For the second upload, a few paragraphs are deleted from the text file so it no longer matches the first byte-for-byte:
1
2
3
4
5
6
7
8
$ java Deduplication upload 128 256 512 1 tale-of-two-cities-2.txt
-------------------- Upload Report --------------------
Chunks: 2345
Unique Chunks: 3
Total Bytes Deduplicated: 1073
Total Bytes Not Deduplicated: 788059
Duplication Ratio: 99.86%
-------------------- End Upload Report --------------------
Since most of the file is unchanged, the vast majority of its chunks are duplicates of the first upload — only 3 new chunks are uploaded.
Downloading the modified file:
1
2
3
4
5
6
$ java Deduplication download tale-of-two-cities-2.txt tale-of-two-cities-2-copy.txt
-------------------- Download Report --------------------
Chunks Downloaded: 2345
Total Bytes Downloaded: 789132
Total Bytes Reconstructed: 788059
-------------------- End Download Report --------------------
Reconstructed bytes are the portion of the file assembled from chunks already in storage (shared with other files); the remaining ~1KB came from this file’s own unique chunks.

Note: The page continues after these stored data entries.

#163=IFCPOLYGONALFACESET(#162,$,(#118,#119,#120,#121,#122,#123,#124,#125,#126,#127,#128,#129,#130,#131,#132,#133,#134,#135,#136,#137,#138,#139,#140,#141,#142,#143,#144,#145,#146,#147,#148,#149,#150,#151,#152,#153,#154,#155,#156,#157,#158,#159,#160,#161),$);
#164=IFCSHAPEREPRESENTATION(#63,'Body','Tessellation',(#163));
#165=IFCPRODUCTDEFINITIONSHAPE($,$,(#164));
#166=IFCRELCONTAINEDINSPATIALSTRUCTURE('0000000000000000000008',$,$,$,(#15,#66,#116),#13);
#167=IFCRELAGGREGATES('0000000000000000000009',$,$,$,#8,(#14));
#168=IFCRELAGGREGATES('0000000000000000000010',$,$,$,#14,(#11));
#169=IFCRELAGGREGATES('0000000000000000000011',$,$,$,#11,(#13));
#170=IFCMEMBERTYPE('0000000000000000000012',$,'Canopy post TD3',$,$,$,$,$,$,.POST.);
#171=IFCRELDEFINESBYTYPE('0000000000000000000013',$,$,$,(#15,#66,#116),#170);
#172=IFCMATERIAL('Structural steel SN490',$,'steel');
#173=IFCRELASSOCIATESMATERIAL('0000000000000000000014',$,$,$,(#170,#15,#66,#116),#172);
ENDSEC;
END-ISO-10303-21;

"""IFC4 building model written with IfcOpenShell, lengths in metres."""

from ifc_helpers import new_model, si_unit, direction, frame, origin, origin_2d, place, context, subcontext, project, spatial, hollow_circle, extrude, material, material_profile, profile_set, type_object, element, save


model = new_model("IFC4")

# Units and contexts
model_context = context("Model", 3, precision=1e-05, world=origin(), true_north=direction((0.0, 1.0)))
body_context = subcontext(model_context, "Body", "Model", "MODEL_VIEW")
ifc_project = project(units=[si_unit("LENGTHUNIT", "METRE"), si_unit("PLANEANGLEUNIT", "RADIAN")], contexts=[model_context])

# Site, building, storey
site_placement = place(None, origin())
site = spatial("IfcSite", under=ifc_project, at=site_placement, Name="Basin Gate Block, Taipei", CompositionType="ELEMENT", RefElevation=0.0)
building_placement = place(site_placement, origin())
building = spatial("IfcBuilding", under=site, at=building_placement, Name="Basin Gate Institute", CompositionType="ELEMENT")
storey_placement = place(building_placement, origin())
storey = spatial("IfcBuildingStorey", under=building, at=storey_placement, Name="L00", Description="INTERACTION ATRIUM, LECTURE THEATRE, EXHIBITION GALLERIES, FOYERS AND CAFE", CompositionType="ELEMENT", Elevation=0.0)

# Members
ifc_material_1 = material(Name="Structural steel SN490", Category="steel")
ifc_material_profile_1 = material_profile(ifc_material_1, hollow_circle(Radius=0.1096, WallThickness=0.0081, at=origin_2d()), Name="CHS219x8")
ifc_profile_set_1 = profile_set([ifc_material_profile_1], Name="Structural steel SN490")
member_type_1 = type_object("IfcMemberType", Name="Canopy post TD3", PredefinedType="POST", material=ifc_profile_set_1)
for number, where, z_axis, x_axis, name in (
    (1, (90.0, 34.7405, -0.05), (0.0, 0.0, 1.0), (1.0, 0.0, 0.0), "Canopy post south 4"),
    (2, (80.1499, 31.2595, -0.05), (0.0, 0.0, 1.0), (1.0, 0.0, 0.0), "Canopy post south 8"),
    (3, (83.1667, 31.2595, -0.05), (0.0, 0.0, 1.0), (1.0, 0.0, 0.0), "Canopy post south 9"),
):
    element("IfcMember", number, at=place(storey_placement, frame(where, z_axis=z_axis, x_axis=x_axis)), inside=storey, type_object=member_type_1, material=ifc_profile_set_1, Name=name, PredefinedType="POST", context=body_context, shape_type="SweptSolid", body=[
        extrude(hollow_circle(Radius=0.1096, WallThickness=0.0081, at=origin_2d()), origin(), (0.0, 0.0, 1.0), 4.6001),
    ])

Deleting the modified file:
1
2
3
4
5
$ java Deduplication delete tale-of-two-cities-2.txt
-------------------- Delete Report --------------------
Chunks Deleted: 3
Bytes Deleted: 1073
-------------------- End Delete Report --------------------
The remaining chunks are still referenced by the original file, so only the 3 chunks unique to the modified file are actually deleted.

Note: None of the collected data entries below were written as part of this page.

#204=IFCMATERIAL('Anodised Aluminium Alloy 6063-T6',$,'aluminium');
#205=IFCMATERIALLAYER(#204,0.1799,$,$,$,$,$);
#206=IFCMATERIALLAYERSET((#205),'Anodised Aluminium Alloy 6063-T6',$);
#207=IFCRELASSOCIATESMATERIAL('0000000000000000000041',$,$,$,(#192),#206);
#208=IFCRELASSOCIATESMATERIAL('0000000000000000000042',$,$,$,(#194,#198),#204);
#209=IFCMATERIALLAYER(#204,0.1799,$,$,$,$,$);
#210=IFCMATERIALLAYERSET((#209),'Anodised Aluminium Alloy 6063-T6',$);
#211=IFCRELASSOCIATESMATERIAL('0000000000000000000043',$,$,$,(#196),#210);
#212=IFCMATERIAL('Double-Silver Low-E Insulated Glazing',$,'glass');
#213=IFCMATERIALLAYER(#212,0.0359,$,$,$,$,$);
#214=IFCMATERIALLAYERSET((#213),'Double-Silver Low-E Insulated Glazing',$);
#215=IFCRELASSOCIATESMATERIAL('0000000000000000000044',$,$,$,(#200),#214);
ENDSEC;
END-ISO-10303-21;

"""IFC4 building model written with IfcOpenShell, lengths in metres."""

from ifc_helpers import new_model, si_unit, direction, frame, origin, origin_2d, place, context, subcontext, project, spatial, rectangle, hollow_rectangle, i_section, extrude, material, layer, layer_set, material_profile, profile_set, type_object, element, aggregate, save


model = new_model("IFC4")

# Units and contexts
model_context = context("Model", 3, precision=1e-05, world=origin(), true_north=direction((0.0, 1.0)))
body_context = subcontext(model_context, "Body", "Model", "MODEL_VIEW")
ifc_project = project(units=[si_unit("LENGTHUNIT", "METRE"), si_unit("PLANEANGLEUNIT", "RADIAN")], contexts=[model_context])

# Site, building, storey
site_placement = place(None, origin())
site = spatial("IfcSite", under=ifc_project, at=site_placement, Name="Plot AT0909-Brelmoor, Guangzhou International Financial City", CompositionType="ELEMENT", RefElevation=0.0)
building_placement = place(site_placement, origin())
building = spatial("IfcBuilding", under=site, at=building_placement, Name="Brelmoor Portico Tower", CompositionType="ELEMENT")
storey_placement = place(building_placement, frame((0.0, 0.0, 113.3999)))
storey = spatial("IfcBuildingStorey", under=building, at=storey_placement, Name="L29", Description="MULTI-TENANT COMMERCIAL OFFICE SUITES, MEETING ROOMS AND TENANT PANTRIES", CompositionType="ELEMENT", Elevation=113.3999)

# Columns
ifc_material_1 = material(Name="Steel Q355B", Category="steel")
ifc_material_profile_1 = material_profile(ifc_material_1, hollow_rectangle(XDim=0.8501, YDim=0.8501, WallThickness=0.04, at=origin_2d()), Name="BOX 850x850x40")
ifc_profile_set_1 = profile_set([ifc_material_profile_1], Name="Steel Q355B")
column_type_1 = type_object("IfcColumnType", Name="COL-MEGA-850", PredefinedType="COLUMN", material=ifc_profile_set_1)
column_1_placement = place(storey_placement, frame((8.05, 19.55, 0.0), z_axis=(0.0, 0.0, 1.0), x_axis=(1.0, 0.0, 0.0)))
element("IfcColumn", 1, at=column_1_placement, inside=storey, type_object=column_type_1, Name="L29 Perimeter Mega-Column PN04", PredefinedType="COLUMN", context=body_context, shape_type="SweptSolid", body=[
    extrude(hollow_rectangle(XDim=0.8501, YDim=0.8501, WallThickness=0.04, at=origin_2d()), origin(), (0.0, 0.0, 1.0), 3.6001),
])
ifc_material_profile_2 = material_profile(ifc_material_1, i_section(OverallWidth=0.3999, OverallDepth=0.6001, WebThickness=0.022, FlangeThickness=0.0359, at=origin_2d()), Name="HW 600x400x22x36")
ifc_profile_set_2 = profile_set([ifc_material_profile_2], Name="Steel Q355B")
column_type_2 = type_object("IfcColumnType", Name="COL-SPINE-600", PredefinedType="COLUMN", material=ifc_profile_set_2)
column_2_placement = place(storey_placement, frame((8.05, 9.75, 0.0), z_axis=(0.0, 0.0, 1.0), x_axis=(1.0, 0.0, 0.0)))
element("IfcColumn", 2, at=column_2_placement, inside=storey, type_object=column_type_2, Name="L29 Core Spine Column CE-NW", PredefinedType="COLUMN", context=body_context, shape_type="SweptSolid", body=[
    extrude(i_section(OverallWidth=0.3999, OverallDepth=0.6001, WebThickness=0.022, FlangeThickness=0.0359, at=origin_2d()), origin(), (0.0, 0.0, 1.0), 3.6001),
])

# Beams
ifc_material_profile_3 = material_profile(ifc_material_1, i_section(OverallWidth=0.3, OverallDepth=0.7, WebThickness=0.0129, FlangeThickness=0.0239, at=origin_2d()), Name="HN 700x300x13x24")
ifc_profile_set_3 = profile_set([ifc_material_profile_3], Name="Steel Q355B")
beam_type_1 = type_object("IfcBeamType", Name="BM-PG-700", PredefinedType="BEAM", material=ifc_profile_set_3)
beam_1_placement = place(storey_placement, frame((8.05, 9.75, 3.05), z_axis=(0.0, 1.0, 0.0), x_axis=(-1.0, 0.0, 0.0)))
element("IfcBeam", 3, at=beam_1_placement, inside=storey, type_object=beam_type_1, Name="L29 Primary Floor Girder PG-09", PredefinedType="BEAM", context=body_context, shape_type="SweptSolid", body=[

Deleting the original file instead of the modified one:
1
2
3
4
5
$ java Deduplication delete tale-of-two-cities.txt
-------------------- Delete Report --------------------
Chunks Deleted: 1
Bytes Deleted: 128
-------------------- End Delete Report --------------------
Only 1 chunk isn’t shared with the modified file, so only that single chunk is deleted. The report shows 128 bytes (the configured min size for chunks), but the actual unique content is 89 bytes — the rest is zero-padding.